Getting certificate chain with Python 3.3 SSL module
Thanks to the contributing answer by Aleksi, I found a bug/feature request that already requested this very thing: http://bugs.python.org/issue18233. Though the changes haven't been finalized, yet, they do have a patch that makes this available:
This is the test code which I've stolen from some forgotten source and reassembled:
import socket
from ssl import wrap_socket, CERT_NONE, PROTOCOL_SSLv23
from ssl import SSLContext # Modern SSL?
from ssl import HAS_SNI # Has SNI?
from pprint import pprint
def ssl_wrap_socket(sock, keyfile=None, certfile=None, cert_reqs=None,
ca_certs=None, server_hostname=None,
ssl_version=None):
context = SSLContext(ssl_version)
context.verify_mode = cert_reqs
if ca_certs:
try:
context.load_verify_locations(ca_certs)
# Py32 raises IOError
# Py33 raises FileNotFoundError
except Exception as e: # Reraise as SSLError
raise SSLError(e)
if certfile:
# FIXME: This block needs a test.
context.load_cert_chain(certfile, keyfile)

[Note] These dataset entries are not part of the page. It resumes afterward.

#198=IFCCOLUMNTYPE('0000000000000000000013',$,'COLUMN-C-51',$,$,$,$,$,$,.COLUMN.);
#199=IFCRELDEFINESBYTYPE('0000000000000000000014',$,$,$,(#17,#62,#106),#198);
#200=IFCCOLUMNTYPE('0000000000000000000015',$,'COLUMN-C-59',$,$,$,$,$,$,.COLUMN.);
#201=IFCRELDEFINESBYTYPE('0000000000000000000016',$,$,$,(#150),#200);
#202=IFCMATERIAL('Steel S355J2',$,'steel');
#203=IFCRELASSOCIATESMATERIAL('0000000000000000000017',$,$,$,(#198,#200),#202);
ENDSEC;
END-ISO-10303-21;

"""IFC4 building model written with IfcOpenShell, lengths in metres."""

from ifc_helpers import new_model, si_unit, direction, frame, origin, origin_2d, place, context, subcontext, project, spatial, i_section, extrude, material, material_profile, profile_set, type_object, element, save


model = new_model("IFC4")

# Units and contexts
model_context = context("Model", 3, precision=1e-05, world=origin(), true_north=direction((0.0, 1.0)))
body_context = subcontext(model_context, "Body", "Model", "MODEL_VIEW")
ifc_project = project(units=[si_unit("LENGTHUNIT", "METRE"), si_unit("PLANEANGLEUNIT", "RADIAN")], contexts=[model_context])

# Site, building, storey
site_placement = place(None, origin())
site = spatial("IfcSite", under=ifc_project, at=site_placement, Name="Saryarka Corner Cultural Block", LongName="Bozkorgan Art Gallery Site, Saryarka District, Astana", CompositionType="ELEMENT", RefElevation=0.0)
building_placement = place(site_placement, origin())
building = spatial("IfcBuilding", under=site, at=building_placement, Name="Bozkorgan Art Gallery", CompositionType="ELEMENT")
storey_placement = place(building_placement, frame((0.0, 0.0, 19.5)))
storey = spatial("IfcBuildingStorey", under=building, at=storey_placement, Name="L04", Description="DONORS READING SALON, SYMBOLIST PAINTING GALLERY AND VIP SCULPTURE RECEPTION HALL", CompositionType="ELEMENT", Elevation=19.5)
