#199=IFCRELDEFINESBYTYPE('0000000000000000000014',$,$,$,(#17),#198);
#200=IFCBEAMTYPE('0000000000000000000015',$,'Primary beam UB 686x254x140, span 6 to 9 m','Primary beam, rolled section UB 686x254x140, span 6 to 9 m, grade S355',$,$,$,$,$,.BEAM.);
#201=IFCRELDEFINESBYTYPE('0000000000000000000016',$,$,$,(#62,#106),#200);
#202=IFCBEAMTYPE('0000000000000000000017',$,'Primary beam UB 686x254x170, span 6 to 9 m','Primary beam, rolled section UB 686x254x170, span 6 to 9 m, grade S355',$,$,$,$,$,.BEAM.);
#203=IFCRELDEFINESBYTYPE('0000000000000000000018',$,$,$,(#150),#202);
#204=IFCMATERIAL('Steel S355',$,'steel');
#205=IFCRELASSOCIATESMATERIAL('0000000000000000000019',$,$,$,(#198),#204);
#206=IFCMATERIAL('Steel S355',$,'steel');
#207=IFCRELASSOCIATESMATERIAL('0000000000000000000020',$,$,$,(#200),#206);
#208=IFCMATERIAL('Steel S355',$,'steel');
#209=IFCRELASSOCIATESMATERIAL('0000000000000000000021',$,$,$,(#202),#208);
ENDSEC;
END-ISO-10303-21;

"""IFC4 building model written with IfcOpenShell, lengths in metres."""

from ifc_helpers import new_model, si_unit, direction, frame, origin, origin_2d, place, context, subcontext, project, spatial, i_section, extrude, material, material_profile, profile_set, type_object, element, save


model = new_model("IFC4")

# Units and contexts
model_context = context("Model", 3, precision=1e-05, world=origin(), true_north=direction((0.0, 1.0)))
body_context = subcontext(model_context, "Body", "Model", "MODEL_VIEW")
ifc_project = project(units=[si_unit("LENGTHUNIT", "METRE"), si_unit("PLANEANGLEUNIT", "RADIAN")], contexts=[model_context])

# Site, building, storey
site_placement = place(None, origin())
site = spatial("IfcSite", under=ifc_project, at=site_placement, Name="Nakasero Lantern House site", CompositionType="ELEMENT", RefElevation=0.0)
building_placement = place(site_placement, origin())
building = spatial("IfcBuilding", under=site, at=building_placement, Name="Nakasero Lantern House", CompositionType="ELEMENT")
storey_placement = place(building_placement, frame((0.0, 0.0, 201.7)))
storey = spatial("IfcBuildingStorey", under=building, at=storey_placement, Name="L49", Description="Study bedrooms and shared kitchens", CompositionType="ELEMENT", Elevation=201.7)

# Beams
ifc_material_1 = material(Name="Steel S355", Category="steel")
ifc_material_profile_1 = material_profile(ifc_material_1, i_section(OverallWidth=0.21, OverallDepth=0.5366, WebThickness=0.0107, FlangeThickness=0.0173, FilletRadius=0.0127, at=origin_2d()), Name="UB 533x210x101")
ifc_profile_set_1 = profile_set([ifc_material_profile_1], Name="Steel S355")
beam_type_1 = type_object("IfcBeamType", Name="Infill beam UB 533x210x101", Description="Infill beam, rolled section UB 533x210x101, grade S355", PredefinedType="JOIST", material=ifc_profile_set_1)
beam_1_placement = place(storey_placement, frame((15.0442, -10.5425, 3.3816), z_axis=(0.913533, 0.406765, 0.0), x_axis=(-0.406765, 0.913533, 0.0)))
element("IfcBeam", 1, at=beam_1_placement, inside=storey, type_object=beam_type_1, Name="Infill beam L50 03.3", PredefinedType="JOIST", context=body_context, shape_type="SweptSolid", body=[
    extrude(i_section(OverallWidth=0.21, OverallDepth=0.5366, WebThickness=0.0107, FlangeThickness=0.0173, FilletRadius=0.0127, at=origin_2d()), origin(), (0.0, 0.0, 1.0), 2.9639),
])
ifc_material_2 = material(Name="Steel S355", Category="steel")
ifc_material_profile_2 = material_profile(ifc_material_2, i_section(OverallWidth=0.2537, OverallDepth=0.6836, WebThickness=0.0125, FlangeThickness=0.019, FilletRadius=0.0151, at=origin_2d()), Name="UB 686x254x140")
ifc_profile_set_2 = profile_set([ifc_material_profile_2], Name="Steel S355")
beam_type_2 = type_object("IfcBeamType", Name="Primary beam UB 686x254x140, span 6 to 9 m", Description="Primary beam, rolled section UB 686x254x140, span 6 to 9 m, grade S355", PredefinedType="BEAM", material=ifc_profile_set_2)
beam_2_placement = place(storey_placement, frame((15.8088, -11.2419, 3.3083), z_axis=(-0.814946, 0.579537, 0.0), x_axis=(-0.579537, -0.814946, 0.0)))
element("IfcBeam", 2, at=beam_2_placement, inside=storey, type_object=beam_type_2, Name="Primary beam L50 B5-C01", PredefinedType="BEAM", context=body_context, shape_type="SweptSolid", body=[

if HAS_SNI: # Platform-specific: OpenSSL with enabled SNI
return (context, context.wrap_socket(sock, server_hostname=server_hostname))
return (context, context.wrap_socket(sock))
hostname = 'www.google.com'
print("Hostname: %s" % (hostname))
s = socket.socket(socket.AF_INET, socket.SOCK_STREAM)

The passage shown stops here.